In a recovering economy, anxiety levels tend to increase among the workforce. Concerns about job security, mortgage payments and monthly bills are forefront in the minds of family breadwinners. During the roaring '90s, benefits, bonuses, wages, the stock market and consumer spending were basking in the glow of an exuberant economy.
In retrospect, it appears the chairman of the Federal Reserve Board correctly defined the overheated economy and bull market for what it was. Irrational exuberance. And now in these first years following the decade of decadence, workers can use the '90s as a lesson to make a commitment to save and invest their earnings wisely. What's here today may be gone tomorrow.
It seems there's always something competing for your savings dollars, from vacations, furniture, house maintenance, car repairs, or family illness. It's usually easier to skimp, skip or even dip into rainy day retirement funds, but more often than not, short-term gain isn't worth the long-term risk.
In these uncertain times, folks from Wall Street to Main Street are taking stock of their financial outlook. Rosy scenarios have fallen by the wayside as corporate wrongdoing and dishonest bookkeeping have decimated the savings and investments of thousands of Americans. And it seems growing numbers of employers can't or won't offer pension plans to their workers anymore. The administrative costs and red tape involved can deter employers, especially small businesses, from making pension programs available to their employees.
As a federal policymaker, I'd like to see legislative, regulatory and administrative changes implemented that encourage greater personal savings, promote employer-sponsored retirement plans (especially by small businesses) and safeguard the hundreds of billions of dollars invested in employer-sponsored retirement plans.
As chairman of the Senate Finance Committee, which has jurisdiction over tax and pension matters, I am working to make it easier for workers to put more of their hard-earned money away for retirement.
And for those who faithfully divert earnings into savings plans, in the last few years as high-profile corporate giants have filed for bankruptcy, those who had invested the lion's share of their retirement dollars in employer-provided stocks watched as their dreams for a comfortable or even early retirement went belly-up with their employer.

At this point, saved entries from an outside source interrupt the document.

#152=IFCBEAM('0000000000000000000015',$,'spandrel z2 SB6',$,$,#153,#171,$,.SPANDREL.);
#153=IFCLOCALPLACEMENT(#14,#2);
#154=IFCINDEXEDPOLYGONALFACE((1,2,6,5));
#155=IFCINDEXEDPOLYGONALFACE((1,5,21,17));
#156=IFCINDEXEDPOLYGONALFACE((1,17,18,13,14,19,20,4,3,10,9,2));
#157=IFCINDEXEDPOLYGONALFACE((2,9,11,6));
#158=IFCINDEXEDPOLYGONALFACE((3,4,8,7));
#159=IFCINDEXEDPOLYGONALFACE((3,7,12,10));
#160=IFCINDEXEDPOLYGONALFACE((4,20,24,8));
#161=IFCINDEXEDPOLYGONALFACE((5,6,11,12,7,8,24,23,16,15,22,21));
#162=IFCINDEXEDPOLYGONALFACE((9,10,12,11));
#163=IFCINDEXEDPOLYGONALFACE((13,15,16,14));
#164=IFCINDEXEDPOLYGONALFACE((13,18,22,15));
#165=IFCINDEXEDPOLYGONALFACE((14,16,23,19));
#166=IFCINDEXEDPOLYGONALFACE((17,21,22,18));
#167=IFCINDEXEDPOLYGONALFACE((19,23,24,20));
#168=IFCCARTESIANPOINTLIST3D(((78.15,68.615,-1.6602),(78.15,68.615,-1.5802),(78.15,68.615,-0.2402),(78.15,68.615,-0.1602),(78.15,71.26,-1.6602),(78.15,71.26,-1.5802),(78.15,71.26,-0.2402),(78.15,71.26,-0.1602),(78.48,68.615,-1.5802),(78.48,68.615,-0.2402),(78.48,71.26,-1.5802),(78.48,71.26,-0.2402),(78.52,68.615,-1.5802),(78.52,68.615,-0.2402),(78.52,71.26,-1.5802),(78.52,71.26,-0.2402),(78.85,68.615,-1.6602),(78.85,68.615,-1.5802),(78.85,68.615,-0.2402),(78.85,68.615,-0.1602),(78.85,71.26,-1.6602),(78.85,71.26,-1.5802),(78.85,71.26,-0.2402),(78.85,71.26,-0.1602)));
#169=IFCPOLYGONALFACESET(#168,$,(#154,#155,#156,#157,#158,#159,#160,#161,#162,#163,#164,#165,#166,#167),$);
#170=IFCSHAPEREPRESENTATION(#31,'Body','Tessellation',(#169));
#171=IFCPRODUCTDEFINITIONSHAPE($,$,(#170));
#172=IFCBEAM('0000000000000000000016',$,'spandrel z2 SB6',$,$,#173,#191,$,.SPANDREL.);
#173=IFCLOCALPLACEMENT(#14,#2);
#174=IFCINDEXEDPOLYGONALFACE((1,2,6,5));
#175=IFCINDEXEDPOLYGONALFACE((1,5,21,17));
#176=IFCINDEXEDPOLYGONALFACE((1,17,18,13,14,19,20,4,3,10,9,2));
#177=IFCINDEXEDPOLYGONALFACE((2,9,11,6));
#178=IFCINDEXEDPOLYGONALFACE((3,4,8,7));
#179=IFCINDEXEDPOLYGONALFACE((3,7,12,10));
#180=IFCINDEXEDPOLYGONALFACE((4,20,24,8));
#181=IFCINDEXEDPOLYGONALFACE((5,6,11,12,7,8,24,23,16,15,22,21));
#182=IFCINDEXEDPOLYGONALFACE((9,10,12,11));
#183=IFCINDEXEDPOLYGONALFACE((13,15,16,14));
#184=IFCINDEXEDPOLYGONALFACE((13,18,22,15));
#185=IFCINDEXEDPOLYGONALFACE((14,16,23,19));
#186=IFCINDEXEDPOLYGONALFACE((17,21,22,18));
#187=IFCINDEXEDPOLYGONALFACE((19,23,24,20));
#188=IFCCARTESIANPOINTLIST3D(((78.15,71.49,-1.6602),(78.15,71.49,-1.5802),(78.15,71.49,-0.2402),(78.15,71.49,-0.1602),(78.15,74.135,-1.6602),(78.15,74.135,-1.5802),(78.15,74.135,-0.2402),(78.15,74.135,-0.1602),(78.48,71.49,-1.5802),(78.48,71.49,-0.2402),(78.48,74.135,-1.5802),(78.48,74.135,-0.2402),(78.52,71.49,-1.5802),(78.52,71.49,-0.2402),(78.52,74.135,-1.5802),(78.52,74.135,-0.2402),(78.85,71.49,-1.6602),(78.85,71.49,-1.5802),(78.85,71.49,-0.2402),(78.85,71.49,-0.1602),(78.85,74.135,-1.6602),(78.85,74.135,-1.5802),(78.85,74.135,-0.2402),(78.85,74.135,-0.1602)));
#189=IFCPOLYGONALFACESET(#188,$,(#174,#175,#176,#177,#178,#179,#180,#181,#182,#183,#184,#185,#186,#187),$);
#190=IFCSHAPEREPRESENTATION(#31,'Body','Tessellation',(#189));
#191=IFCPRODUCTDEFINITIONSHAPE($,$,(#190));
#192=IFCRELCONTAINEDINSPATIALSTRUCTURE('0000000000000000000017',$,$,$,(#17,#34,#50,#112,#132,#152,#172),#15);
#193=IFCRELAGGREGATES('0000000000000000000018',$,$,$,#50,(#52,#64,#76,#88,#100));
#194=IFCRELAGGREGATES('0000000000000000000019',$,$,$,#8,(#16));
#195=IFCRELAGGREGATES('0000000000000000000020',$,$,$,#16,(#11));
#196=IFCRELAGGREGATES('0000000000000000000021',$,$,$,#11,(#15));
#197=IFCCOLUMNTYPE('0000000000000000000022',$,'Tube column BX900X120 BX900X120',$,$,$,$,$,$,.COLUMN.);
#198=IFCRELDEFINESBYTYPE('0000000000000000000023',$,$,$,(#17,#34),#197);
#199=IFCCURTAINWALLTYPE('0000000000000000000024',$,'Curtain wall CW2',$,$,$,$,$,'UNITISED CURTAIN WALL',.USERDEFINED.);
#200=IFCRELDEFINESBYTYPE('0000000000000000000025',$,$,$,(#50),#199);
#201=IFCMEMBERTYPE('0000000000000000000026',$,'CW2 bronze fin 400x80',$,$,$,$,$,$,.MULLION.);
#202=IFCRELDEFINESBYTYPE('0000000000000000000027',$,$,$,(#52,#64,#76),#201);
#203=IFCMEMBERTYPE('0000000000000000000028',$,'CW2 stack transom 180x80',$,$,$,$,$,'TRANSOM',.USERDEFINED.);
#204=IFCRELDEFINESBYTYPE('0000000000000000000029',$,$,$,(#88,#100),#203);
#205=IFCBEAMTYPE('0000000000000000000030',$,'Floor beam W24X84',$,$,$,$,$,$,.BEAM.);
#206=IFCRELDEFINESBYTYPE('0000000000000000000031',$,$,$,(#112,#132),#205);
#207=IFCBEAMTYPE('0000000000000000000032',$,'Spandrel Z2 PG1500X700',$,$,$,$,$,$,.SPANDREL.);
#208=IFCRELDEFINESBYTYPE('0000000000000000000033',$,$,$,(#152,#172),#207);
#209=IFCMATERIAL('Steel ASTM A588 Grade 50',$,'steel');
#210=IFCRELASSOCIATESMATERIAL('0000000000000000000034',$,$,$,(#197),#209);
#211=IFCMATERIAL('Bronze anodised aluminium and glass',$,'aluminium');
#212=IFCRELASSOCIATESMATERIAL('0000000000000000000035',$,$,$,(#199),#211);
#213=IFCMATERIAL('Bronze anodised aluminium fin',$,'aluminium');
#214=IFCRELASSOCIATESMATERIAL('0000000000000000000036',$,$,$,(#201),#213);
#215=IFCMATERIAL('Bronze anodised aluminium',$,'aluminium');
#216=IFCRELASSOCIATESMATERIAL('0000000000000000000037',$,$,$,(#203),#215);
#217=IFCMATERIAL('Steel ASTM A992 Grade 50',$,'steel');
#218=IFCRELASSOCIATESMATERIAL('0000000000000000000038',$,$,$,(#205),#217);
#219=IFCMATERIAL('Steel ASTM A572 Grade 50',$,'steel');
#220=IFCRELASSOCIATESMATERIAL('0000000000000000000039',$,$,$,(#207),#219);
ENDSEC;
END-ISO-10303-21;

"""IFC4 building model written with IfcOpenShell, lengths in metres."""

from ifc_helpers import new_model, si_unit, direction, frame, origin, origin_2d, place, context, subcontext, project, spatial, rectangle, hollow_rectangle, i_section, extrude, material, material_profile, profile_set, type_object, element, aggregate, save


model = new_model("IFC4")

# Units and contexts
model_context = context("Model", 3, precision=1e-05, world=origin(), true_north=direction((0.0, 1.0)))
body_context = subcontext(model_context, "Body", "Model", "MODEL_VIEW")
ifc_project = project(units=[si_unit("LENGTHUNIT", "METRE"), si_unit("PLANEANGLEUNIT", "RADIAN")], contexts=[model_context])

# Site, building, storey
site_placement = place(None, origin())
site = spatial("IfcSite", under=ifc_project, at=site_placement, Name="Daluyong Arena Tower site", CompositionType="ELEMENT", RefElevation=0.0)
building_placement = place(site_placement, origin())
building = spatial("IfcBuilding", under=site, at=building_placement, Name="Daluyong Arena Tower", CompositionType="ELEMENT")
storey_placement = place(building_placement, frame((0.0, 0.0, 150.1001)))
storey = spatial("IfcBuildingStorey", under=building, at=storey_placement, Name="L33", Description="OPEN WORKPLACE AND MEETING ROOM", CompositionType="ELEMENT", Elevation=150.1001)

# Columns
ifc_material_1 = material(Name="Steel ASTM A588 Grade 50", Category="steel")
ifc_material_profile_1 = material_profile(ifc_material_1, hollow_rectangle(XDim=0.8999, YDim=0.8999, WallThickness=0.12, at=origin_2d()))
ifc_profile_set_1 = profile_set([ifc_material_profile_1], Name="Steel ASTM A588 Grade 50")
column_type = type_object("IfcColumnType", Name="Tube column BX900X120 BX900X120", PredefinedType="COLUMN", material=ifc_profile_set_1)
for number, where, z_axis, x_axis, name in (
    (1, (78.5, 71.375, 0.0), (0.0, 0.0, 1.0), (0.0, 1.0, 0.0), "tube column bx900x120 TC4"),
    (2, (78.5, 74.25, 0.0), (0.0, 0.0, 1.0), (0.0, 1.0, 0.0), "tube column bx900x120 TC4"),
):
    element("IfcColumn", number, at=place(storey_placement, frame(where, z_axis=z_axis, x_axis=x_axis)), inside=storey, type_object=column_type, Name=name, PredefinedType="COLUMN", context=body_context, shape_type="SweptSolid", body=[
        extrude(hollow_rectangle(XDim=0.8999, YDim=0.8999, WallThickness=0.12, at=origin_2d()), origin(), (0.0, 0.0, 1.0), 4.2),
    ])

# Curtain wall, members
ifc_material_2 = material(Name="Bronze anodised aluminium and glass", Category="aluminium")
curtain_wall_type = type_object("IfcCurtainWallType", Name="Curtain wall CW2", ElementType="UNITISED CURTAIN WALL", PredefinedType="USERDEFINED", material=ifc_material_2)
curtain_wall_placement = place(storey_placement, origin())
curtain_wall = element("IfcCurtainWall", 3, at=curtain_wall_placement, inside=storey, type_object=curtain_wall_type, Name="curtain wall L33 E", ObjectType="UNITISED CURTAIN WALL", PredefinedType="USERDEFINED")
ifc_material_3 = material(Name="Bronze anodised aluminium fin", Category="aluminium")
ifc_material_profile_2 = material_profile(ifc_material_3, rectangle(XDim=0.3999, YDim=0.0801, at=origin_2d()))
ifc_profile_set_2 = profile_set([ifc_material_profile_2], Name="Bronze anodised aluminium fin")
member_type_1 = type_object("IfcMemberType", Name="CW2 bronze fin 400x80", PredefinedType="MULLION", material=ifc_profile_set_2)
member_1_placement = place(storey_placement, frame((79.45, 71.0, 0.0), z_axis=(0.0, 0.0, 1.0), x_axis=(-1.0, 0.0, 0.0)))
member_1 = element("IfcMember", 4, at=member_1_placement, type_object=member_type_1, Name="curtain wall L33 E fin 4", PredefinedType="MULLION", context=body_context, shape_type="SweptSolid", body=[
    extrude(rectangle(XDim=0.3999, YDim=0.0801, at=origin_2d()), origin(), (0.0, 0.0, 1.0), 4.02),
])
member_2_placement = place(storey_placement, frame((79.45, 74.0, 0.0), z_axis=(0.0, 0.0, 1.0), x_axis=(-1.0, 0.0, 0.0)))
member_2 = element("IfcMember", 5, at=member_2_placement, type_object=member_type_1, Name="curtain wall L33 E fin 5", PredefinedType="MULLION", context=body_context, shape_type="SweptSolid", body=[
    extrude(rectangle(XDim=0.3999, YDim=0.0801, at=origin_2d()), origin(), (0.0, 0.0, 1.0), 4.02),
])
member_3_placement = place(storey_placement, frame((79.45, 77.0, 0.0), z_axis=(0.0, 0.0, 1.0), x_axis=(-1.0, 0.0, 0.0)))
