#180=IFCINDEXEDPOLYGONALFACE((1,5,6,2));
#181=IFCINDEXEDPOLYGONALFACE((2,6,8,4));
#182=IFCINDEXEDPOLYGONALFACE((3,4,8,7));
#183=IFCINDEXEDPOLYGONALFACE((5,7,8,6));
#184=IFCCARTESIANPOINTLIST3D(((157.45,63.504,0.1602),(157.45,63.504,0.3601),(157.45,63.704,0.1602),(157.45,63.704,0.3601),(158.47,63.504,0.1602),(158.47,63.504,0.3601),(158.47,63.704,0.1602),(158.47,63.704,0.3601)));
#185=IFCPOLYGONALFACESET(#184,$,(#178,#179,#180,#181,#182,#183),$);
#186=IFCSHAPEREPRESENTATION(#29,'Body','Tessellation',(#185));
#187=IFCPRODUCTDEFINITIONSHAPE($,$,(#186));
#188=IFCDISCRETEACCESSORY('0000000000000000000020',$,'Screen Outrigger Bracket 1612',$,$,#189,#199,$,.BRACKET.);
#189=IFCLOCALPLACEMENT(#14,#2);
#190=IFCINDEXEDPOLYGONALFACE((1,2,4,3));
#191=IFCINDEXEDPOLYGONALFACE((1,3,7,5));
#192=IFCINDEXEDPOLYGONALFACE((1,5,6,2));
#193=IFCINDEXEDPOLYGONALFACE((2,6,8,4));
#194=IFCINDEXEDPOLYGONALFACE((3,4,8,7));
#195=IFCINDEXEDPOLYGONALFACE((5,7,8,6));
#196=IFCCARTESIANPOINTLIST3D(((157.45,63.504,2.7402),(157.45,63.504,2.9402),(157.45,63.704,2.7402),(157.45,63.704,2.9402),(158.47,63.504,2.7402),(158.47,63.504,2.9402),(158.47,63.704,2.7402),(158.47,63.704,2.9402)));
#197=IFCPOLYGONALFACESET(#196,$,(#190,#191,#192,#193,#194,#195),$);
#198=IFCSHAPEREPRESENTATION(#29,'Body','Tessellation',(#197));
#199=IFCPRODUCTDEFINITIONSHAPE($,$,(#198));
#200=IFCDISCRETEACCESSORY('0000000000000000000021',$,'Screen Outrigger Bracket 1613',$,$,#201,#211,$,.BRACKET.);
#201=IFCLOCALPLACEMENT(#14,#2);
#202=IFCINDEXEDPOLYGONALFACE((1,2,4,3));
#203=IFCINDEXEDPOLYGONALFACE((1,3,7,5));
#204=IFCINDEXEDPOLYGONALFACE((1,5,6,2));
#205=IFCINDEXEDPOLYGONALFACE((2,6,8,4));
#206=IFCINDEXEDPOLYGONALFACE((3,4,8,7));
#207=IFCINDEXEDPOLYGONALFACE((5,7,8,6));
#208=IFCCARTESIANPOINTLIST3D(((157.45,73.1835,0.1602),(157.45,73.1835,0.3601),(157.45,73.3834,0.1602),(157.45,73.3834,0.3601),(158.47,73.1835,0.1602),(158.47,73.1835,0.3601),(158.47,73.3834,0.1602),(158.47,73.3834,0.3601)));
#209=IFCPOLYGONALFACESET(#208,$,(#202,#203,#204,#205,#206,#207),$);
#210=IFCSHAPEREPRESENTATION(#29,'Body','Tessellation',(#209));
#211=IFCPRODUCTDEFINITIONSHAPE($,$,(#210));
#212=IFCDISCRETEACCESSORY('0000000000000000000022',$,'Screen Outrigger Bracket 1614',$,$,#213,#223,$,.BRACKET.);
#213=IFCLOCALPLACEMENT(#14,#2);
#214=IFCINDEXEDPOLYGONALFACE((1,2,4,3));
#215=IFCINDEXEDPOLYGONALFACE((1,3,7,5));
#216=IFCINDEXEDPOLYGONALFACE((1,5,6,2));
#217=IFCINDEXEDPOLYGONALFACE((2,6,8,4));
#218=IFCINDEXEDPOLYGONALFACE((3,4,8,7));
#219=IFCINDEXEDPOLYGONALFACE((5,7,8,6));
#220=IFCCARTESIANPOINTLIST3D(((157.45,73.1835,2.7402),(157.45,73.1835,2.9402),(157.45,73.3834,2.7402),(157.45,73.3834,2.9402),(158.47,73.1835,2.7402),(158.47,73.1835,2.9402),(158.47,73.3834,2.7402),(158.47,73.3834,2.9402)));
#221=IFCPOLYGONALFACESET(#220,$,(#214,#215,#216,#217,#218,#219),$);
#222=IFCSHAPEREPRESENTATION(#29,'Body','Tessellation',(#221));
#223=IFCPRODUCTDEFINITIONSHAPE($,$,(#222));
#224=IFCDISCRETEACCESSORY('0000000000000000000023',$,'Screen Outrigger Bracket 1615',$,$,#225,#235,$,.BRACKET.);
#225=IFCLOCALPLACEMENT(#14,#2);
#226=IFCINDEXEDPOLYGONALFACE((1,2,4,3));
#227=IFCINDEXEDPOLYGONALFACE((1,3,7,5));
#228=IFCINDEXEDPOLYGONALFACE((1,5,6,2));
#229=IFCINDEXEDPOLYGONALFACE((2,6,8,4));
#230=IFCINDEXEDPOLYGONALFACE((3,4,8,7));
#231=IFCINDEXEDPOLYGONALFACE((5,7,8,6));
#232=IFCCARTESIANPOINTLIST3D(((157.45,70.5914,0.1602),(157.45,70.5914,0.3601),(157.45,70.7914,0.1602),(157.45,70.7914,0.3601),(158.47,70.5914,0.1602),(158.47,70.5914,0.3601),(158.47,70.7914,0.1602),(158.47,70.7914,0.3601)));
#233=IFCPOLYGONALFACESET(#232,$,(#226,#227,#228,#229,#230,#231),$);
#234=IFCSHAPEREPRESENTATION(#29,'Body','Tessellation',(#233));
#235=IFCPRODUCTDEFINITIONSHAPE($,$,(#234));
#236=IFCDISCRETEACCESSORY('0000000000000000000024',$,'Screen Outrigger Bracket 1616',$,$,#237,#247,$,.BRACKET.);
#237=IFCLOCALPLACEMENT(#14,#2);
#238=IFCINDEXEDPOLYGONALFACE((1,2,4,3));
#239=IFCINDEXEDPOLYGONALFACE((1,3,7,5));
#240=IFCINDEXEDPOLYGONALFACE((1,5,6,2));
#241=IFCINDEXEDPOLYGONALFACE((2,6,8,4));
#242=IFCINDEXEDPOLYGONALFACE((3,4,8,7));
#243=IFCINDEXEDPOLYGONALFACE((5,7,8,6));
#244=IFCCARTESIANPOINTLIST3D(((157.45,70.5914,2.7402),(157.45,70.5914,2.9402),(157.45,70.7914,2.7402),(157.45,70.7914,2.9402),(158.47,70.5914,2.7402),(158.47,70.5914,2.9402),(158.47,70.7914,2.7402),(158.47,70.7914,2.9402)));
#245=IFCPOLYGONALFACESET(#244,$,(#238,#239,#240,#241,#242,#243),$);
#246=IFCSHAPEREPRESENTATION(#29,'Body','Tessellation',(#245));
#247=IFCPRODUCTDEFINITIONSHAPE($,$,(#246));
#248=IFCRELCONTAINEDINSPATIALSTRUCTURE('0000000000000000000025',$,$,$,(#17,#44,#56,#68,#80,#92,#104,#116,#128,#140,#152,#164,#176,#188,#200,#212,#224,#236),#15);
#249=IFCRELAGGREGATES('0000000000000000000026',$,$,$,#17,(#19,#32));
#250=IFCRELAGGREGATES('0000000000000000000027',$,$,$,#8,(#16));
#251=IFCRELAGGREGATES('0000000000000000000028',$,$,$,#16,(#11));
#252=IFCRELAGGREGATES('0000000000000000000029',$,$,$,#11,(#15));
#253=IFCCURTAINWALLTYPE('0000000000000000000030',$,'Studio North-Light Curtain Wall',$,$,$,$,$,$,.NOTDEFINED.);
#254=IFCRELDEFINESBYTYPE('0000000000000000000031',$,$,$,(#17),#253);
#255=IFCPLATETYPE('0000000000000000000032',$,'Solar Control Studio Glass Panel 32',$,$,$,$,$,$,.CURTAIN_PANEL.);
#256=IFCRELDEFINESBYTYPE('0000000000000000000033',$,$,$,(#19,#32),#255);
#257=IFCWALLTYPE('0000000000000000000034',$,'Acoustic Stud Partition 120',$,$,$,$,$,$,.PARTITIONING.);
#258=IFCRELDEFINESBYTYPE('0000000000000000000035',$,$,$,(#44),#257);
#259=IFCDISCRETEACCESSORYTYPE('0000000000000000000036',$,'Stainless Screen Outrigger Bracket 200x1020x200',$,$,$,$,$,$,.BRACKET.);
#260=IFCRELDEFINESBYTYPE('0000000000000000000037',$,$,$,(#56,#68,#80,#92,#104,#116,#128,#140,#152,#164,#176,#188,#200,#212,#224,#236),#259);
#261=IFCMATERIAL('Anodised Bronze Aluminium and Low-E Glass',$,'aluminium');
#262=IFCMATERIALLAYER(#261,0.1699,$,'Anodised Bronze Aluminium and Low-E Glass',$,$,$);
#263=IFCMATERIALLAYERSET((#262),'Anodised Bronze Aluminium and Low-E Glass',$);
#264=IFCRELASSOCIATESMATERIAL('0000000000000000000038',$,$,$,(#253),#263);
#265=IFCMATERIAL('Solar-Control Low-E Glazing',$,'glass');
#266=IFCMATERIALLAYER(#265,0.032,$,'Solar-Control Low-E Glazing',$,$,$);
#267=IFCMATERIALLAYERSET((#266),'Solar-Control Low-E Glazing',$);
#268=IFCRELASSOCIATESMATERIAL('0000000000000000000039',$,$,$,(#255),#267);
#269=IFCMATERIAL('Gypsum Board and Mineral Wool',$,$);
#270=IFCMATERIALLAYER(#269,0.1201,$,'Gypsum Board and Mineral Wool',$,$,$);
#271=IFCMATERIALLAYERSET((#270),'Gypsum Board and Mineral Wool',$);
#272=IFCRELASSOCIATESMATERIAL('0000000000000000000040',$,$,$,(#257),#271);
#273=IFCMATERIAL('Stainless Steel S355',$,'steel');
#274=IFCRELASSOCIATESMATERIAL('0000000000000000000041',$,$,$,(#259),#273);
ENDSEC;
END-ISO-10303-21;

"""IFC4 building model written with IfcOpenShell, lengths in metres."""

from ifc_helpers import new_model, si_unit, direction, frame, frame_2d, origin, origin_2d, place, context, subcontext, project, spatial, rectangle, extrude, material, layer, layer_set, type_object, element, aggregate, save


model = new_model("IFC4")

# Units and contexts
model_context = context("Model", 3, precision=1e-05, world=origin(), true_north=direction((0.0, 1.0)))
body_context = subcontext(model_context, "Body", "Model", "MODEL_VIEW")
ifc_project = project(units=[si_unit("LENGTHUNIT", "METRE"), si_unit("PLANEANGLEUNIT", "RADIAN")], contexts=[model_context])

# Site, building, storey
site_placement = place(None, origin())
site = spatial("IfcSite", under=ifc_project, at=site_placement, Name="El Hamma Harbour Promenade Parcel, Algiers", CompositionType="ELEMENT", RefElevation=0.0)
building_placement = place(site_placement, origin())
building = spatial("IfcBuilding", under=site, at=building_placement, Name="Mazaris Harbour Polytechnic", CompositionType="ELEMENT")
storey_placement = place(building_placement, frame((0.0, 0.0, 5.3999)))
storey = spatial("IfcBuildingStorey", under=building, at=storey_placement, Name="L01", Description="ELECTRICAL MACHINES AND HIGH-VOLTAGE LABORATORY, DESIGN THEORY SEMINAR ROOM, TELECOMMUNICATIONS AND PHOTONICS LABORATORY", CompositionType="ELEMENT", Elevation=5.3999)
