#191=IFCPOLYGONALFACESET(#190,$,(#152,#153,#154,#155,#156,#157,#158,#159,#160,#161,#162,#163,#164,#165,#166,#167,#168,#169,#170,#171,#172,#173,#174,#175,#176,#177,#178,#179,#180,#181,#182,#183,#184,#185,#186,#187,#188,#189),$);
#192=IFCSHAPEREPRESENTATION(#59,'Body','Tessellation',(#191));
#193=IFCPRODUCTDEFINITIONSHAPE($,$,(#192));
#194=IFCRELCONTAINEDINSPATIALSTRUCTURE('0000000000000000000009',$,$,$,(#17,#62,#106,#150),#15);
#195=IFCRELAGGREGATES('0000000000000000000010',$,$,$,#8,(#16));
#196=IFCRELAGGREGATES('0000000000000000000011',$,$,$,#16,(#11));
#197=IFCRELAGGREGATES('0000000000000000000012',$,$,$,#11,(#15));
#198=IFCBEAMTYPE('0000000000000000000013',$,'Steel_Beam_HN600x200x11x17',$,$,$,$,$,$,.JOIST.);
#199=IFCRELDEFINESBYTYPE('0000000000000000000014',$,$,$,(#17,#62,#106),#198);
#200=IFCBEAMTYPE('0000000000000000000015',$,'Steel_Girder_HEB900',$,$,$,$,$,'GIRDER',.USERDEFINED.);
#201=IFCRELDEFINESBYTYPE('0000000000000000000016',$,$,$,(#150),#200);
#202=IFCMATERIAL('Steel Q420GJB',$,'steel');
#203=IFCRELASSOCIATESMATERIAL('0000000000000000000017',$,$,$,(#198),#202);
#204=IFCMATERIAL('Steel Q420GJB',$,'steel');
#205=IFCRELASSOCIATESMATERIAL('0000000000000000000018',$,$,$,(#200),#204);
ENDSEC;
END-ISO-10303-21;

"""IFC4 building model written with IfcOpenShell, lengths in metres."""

To help protect and educate employees about their choices, rights and responsibilities with their employer-sponsored retirement benefits, I am pushing for pension reform legislation that would create new diversification rights for company stock in retirement plans and require new disclosure requirements regarding transaction periods and periodic benefit statements for employees.
I'm also working to find a middle ground on the debate surrounding defined benefit pension plans. Fewer employers are offering these packages because of the expenses and regulations involved. I want to advance public policies that protect existing retirement savings plans and encourage the creation of new ones.
In the meantime, I encourage workers to take full advantage of new incentives to save for retirement that were included in the landmark 2001 tax law. I helped guide the measure through Congress and pushed for a section of the bill that's written to help workers get started or caught up in their retirement savings needs. On June 7, 2001, the President signed into law the Economic Growth and Tax Relief Reconciliation Act of 2001.
Check out the following savings tax breaks included in the new law to determine how they can help you build a fatter, more secure retirement fund.
Individual Retirement Accounts: The maximum annual contribution will increase from $2,000 (unchanged since 1981) to $5,000 (by 2008) per individual. Catch-up contributions of up to an additional $1,500 allowed for those over age 50. These limits will also be phased in.
Catch-Up Contributions: Those age 50 and over may make additional contributions to 401(k), 403(b) or governmental 457 retirement plan of up to $5,000 (by 2006) and indexed to inflation in the years following.
Low-income savers: Those with adjusted gross income less than $25,000 and couples under $50,000 may qualify for a tax credit of up to $1,000 for contributions to qualified retirement plan or an IRA.
Small Employers: A new tax credit of up to 50 percent of the costs incurred for starting a retirement plan for workers.
Employer-sponsored retirement plans: The maximum annual contribution limit for 401(k) plans was raised from $10,500 (in 2001) by $1,000 each year until reaching $15,000 (in 2006). Thereafter, annual limits on salary deferrals will be indexed to inflation in $500 increments.
SIMPLE: Those employed by small businesses may benefit from an increase in the maximum annual deferral for a savings incentive match plan from $6,000 (in 2001) to $10,000 (in 2005). Although feathering the retirement nest egg doesn't always bring instant satisfaction, making room for retirement savings today can bring welcome peace of mind and financial security in the long run.